Researchers from Skoltech (part of the VEB.RF Group) have uncovered the molecular mechanisms that make one of the most persistent laboratory contaminants — bacteriophage T1 — unusually resilient and dangerous to bacterial cultures. The findings could add more to the explanation of the nature of contamination in microbiological laboratories and biotech production facilities, and also offer a protective solution: the use of a resistant bacterial strain that can be implemented in laboratory practice immediately. The work was published in the International Journal of Molecular Sciences and supported by Russian Science Foundation grants.
Bacteriophages — viruses that kill bacteria — are indispensable in biotechnology and medicine, but in laboratories they often cause considerable problems. For example, T1 family phages can survive for years on equipment, pass through filters, and destroy an entire bacterial culture overnight, disrupting an experiment or production run. They are difficult to eliminate even with harsh sterilization methods. For a long time, it remained unclear which specific genes and proteins confer such resilience.

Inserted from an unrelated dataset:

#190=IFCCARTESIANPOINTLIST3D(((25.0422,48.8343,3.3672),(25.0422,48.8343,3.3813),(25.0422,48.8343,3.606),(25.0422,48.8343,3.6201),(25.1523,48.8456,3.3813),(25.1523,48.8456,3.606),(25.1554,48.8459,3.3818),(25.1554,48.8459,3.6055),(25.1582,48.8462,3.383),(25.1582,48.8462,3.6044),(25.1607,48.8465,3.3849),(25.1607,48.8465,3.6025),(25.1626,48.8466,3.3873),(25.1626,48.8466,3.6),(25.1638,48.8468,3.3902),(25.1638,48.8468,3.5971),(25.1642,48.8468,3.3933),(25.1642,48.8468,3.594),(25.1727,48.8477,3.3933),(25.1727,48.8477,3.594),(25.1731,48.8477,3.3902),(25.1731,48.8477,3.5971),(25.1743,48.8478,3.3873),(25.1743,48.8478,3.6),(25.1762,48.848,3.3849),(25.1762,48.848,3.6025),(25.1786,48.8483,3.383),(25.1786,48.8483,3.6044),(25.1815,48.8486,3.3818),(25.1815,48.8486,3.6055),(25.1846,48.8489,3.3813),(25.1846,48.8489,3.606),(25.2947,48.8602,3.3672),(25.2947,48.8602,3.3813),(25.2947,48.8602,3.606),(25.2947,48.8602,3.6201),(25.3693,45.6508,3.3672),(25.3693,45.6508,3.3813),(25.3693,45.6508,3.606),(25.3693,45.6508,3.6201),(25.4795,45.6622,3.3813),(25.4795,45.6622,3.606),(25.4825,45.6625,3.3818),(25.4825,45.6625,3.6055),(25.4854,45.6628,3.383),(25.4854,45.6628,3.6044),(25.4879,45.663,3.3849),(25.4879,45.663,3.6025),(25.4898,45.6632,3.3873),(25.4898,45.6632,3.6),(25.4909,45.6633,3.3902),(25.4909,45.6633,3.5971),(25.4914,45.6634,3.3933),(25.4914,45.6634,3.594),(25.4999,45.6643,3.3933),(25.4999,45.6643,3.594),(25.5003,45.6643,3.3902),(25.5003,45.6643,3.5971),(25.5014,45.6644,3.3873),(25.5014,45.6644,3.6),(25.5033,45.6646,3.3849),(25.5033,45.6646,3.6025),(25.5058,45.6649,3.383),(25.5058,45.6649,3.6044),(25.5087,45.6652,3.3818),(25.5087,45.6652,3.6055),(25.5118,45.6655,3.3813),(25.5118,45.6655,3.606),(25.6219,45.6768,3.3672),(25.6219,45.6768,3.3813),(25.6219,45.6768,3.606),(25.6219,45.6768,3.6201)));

A research team led by Artem Isaev, the head of the Laboratory for Metagenome Analysis at the Skoltech Biomed Technologies Center and a recipient of the Russian Federation Presidential Prize in Science and Innovation for Young Scientists in 2025, isolated a new phage from river water in Kaliningrad, naming it KanT1 after Immanuel Kant. It was found to infect a wide range of E. coli strains, including those used in laboratories, and to be resistant to many disinfection methods.

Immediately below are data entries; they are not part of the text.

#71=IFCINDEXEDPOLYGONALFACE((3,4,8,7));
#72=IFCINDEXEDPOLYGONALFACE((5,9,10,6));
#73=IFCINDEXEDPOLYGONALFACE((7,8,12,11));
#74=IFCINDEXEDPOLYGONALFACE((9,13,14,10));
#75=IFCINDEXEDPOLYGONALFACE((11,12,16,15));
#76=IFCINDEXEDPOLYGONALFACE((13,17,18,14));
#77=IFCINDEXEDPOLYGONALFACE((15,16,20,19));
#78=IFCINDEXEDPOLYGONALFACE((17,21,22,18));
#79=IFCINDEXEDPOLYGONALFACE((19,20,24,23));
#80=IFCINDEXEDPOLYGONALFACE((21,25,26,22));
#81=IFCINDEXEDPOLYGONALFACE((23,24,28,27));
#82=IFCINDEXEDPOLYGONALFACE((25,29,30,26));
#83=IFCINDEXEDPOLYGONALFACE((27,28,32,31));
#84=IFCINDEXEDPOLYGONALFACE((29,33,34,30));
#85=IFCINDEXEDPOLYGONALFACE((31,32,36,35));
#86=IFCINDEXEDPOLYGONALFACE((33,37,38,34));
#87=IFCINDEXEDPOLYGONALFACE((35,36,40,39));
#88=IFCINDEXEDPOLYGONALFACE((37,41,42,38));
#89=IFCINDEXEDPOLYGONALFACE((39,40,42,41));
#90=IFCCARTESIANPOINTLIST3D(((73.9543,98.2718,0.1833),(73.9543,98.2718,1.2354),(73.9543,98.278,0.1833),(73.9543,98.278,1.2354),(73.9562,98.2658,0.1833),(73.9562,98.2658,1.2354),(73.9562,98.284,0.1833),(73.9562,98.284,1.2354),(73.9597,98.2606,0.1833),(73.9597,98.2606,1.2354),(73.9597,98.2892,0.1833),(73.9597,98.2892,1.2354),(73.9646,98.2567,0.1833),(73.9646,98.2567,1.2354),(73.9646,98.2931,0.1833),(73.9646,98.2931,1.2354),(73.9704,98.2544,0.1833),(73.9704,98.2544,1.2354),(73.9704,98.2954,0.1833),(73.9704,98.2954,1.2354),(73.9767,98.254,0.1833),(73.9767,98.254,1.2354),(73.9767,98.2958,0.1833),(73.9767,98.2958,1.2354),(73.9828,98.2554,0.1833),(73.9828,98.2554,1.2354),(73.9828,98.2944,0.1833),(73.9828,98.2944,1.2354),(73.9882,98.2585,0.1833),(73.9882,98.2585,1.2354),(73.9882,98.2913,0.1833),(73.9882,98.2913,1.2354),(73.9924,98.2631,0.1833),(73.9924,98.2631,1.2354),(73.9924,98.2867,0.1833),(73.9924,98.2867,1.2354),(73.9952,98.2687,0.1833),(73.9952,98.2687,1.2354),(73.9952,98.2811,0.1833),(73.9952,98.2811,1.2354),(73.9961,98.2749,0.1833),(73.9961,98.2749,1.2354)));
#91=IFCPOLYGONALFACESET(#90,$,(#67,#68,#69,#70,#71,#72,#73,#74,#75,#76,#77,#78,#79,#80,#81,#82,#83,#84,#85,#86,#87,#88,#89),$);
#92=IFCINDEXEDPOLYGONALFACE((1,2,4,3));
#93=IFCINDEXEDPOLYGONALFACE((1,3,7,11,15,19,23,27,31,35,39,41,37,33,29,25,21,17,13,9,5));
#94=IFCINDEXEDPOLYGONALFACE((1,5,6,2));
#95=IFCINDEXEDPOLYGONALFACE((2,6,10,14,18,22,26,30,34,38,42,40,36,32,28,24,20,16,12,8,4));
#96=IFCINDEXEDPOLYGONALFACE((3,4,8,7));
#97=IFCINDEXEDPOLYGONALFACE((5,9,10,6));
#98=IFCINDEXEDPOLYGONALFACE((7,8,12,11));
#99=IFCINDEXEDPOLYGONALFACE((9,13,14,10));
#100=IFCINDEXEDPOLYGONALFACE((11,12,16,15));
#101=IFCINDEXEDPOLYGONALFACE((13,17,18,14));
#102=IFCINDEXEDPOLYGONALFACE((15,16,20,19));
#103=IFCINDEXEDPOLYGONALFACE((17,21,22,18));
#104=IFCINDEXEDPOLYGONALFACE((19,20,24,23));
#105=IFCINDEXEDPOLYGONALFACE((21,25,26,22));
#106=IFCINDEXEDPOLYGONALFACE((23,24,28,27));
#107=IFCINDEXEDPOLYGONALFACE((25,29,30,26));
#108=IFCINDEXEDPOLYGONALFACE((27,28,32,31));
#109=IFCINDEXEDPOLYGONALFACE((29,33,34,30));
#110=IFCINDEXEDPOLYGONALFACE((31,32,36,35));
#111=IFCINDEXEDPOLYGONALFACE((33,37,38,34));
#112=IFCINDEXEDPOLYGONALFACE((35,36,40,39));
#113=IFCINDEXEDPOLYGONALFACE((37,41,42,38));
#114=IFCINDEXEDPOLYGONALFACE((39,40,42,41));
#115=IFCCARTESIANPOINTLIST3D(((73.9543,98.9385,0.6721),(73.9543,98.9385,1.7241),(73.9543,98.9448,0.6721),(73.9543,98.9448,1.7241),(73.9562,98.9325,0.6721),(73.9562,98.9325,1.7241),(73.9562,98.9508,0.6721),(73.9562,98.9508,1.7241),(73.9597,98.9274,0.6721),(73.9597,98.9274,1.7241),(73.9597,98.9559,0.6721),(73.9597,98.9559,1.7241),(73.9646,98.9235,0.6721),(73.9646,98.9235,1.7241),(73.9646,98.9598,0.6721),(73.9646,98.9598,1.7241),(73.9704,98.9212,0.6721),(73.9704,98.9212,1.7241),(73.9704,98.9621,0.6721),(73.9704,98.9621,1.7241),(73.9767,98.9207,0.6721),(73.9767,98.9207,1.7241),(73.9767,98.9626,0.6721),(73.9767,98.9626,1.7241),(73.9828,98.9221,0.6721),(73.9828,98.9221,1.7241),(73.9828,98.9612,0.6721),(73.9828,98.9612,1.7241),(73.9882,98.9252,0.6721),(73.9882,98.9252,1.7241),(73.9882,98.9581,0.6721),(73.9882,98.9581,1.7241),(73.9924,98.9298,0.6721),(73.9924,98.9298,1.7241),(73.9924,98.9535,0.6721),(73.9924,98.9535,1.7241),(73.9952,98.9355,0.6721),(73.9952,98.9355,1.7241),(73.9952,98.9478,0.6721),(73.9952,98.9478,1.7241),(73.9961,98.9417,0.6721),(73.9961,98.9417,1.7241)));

“We discovered that KanT1 was constantly contaminating our samples, and this became the starting point for a systematic study of its genome. To better understand how to fight this ‘enemy,’ we decided to try to determine what makes this virus so resilient,” said Artem Isaev. “It turned out that standard annotation methods, which compare genes based on sequence, were failing to identify many important proteins in these phages — we managed to detect them and predict their functions through protein structure analysis.”
A key novelty of the work was the use of protein structure prediction methods. Using AlphaFold3 — an AI-based system for predicting protein structures — the scientists were able to characterize the functions of proteins previously considered hypothetical, which account for nearly half of the genome. The authors discovered a protein with a particular structure — the so-called SH3 domain. Previously, such structures had only been found in viruses that infect bacteria with thick, robust cell walls — so-called Gram-positive bacteria. This is the first time such a protein has been found in a virus of E. coli, which has a thin cell wall. It is located near a group of genes responsible for destroying the bacterial cell from within to release new viral particles.
“Finding an SH3 domain in a phage that infects a Gram-negative bacterium came as a surprise to us. We hypothesize that the SH3 protein helps the phage more efficiently destroy the cell from within, which may explain its aggressiveness and ability to spread rapidly through a culture,” said Arina Eremina, one of the lead authors of the study, an undergraduate student at HSE University completing her project at the Laboratory for Metagenome Analysis at the Skoltech Biomed Technologies Center.
Comparative analysis of 522 genomes of related phages showed that the SH3 domain is found in more than a third of them, but is far from universal. This suggests its role as an additional evolutionary tool that phages can acquire to enhance their efficiency. The authors also refined the function of another key mechanism — superinfection exclusion — which allows the virus to “take over” a cell and block reinfection by other phages.
“Our study demonstrates that even such a well-studied object as phage T1 contains a significant number of yet uncharacterized genes. The use of protein structure prediction methods allowed us to penetrate this ‘dark matter’ of the viral genome and identify functionally significant components. In the long term, understanding such mechanisms will aid in the development of new phage-based antibacterial agents,” shared Polina Iarema, one of the lead authors of the study, a PhD student at Skoltech in the Life Sciences program.
The work explains why T1-like phages contaminate laboratory cultures and offers a solution to the problem. The researchers found that the E. coli HS strain — a bacterium normally found in the human gut — is completely resistant to these viruses. This means that in laboratories where contaminating phages are particularly problematic, this strain can be used instead of strains sensitive to phage contamination.